The pandemic notwithstanding, there are several issues which remain challenging. Given my experiences in local real estate, I would like to highlight the lack of available long-term rental units in Luray and Page County as a whole. Several years ago a study undertaken by a regional nonprofit estimated Page County lacked roughly 300 to 350 affordable housing units; and this deficit disproportionally affects seniors and families with young children. This shortage of long-term rental housing, coupled with the continued growth of the more lucrative tourist related short-term rentals (which in Page is estimated to be several hundred units), has resulted in higher monthly rents, and a lack of available rental housing. If elected I will work with local developers, real estate professionals and housing advocates to ensure Luray is actively participating in increasing the availability of long-term rental housing. 
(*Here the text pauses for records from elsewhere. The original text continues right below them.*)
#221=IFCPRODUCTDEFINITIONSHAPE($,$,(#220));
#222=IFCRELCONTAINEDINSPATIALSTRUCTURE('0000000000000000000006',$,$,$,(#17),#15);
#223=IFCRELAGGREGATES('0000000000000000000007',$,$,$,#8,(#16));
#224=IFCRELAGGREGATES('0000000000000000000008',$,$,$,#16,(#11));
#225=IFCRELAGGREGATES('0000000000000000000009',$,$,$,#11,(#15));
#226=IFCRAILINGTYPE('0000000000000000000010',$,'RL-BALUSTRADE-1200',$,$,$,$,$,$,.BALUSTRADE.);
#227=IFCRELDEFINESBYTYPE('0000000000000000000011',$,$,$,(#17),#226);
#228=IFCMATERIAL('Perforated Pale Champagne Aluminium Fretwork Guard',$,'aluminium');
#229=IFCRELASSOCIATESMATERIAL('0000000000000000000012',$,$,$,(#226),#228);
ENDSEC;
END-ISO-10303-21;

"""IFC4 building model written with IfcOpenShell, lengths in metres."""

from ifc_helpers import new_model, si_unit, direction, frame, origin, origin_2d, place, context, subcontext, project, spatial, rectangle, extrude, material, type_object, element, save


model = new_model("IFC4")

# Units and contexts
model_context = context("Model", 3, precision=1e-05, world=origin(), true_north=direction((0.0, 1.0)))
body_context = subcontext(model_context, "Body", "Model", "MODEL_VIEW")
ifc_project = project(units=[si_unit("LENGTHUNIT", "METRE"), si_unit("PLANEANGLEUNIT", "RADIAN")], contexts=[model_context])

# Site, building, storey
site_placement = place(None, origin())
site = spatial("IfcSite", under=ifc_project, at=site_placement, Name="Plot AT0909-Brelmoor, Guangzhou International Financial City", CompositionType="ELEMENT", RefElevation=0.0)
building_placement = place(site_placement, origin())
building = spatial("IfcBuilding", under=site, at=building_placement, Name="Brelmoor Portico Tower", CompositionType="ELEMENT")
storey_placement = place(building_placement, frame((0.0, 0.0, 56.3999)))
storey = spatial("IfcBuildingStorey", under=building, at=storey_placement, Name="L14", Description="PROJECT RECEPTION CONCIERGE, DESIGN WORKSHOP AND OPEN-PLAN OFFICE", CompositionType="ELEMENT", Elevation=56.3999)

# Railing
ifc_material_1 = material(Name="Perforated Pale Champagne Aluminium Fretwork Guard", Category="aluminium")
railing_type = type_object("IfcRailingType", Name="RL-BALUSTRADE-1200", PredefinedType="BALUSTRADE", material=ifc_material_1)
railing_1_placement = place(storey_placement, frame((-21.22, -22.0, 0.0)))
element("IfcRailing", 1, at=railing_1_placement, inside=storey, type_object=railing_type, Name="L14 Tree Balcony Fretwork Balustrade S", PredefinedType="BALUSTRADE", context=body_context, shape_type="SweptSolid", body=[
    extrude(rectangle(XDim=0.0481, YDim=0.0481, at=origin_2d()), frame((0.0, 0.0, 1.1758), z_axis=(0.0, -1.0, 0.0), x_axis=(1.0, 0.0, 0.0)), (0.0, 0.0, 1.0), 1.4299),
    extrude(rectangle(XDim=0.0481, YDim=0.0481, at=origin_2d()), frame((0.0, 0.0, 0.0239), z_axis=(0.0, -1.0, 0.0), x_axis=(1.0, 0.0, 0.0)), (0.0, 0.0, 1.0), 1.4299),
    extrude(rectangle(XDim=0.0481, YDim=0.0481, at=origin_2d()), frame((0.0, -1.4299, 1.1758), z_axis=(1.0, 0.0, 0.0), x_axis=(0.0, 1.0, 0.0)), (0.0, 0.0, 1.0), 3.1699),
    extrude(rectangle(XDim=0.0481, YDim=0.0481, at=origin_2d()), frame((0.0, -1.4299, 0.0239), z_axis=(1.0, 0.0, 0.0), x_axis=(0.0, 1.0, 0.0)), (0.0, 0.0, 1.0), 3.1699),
• What is one thing that you would like to change or improve about Luray?

Like many rural communities, a high number of Luray residents commute long distances for better paying jobs outside of the region; often driving an hour or even more. Though it may be aspirational, I hope this will change over time. Ideally, better paying jobs in our County or region would lessen this burden. As Harrisonburg, Front Royal and Winchester continue to expand, employment opportunities in our region and (hopefully) in/around Luray will increase too. There is no easy solution, but I think it’s important that elected officials recognize increased employment opportunities in our region directly benefits Luray and Page County. To me, economic development is not “zero sum” and as our region continues to grow and thrive, so will Luray.
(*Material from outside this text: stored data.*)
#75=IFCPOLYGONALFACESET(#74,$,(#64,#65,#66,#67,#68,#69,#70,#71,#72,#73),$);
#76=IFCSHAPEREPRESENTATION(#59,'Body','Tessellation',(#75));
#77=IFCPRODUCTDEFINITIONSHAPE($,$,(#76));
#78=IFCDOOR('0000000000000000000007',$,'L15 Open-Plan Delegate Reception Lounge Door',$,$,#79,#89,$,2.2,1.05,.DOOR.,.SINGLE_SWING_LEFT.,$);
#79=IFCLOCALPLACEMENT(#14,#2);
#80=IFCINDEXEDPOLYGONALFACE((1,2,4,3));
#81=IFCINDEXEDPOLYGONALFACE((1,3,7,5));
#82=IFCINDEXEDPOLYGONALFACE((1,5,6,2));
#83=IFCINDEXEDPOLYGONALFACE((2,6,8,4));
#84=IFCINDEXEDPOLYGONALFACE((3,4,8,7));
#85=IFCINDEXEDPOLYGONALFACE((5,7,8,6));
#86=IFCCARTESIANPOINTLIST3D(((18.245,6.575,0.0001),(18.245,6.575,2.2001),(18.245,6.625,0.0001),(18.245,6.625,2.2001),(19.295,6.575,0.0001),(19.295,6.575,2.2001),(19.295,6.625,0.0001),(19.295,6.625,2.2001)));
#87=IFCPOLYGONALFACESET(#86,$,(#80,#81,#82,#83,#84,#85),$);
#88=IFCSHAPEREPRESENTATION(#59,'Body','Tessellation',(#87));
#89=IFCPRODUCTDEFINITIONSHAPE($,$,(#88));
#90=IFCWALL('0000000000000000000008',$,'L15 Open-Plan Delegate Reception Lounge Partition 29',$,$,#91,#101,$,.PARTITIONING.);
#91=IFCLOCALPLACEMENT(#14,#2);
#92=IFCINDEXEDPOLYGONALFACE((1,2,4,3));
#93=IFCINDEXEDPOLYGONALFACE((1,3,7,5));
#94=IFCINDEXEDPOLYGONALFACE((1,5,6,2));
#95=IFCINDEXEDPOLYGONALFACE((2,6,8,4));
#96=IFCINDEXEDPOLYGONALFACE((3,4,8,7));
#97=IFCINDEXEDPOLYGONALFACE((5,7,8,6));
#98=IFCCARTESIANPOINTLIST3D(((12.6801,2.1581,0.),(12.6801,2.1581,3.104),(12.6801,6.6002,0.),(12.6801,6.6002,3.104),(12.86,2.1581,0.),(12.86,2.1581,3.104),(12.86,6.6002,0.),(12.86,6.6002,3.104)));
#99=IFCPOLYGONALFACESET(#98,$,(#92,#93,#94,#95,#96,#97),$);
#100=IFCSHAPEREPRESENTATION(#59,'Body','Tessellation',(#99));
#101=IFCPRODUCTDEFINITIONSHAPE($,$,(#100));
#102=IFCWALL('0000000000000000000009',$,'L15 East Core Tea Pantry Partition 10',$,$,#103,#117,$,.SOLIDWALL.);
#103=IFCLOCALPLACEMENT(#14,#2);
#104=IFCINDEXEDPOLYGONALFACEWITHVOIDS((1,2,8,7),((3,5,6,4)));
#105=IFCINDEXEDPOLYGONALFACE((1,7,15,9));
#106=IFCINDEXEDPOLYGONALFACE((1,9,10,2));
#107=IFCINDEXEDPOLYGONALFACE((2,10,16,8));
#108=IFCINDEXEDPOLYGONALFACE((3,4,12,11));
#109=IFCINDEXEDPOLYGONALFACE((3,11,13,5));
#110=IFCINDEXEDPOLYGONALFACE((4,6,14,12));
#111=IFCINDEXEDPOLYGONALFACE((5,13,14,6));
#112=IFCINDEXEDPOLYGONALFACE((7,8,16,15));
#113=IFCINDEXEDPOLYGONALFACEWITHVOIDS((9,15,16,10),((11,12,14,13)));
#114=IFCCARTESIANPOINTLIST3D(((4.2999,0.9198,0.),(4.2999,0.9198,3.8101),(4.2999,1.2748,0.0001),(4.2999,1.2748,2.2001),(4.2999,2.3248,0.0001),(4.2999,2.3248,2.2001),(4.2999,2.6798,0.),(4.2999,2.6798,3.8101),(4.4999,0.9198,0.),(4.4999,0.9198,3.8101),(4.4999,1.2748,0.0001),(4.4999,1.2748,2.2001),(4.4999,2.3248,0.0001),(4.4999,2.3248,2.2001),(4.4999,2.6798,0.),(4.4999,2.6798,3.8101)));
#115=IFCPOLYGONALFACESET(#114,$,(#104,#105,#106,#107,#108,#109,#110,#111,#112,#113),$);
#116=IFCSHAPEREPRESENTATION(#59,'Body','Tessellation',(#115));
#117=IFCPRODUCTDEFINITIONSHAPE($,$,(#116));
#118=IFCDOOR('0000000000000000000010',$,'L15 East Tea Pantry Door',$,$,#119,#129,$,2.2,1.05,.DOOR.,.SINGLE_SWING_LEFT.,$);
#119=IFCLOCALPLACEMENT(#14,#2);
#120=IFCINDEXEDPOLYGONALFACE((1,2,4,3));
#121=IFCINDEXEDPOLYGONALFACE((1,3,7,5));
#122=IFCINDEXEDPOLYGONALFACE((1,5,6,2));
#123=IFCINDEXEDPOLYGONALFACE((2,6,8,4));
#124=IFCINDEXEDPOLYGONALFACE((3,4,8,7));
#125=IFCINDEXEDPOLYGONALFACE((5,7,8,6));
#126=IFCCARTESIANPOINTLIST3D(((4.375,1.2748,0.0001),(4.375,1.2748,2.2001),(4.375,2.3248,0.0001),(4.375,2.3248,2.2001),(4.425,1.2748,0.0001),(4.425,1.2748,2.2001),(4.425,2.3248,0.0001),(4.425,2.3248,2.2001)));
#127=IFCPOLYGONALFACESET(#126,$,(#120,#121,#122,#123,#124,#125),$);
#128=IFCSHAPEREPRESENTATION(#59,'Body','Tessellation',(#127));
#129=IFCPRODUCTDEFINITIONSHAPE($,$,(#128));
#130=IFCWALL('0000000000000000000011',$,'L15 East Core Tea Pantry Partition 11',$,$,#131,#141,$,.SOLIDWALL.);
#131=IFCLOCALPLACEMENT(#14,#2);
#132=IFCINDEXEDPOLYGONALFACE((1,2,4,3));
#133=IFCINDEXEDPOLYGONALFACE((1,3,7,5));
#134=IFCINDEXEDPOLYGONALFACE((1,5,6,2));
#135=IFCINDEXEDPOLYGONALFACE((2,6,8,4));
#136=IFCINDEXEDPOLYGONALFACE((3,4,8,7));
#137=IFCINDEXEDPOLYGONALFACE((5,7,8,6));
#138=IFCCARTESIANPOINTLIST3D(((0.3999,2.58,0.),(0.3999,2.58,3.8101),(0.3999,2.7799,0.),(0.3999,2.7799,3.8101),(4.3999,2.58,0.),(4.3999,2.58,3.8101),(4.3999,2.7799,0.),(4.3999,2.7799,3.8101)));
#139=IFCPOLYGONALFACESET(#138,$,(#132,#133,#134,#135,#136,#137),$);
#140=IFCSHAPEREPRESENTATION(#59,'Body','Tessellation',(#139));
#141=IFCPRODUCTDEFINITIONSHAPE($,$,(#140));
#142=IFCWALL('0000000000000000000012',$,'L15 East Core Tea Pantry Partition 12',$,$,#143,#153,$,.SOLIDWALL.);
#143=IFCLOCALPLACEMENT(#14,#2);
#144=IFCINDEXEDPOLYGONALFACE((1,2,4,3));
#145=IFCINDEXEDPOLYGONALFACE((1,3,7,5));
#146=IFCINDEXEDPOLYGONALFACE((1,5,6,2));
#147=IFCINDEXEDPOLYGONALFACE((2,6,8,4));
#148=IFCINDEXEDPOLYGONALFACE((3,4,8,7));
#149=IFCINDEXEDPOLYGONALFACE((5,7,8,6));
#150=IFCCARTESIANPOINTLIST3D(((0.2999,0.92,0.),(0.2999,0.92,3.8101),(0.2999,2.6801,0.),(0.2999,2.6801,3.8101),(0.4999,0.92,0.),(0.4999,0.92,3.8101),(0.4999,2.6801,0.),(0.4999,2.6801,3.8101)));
• Briefly describe a decision you have made in a leadership role and tell why you made that decision.

To me, leadership and initiative go hand-in-hand. A good leader takes initiative to get things done. The personal example I would like to highlight was during my tenure as Luray’s Town Planner. 

In 2011 an annual evaluation of the Main Street Bridge resulted in the 75-year-old bridge being considered structurally deficient and needing replacement. Given the cost of replacing the bridge (roughly $4 million), securing outside grant funding was critical in order to lessen financial impacts on the Town. I immediately took initiative to identify and apply for numerous federal grant opportunities to fund the bridge’s replacement. In 2012, the Town was awarded $1.6 million in federal funding. With the collective efforts of many, and additional grant funding, in 2019 the bridge’s replacement was completed with a significantly reduced financial burden to the citizens of Luray.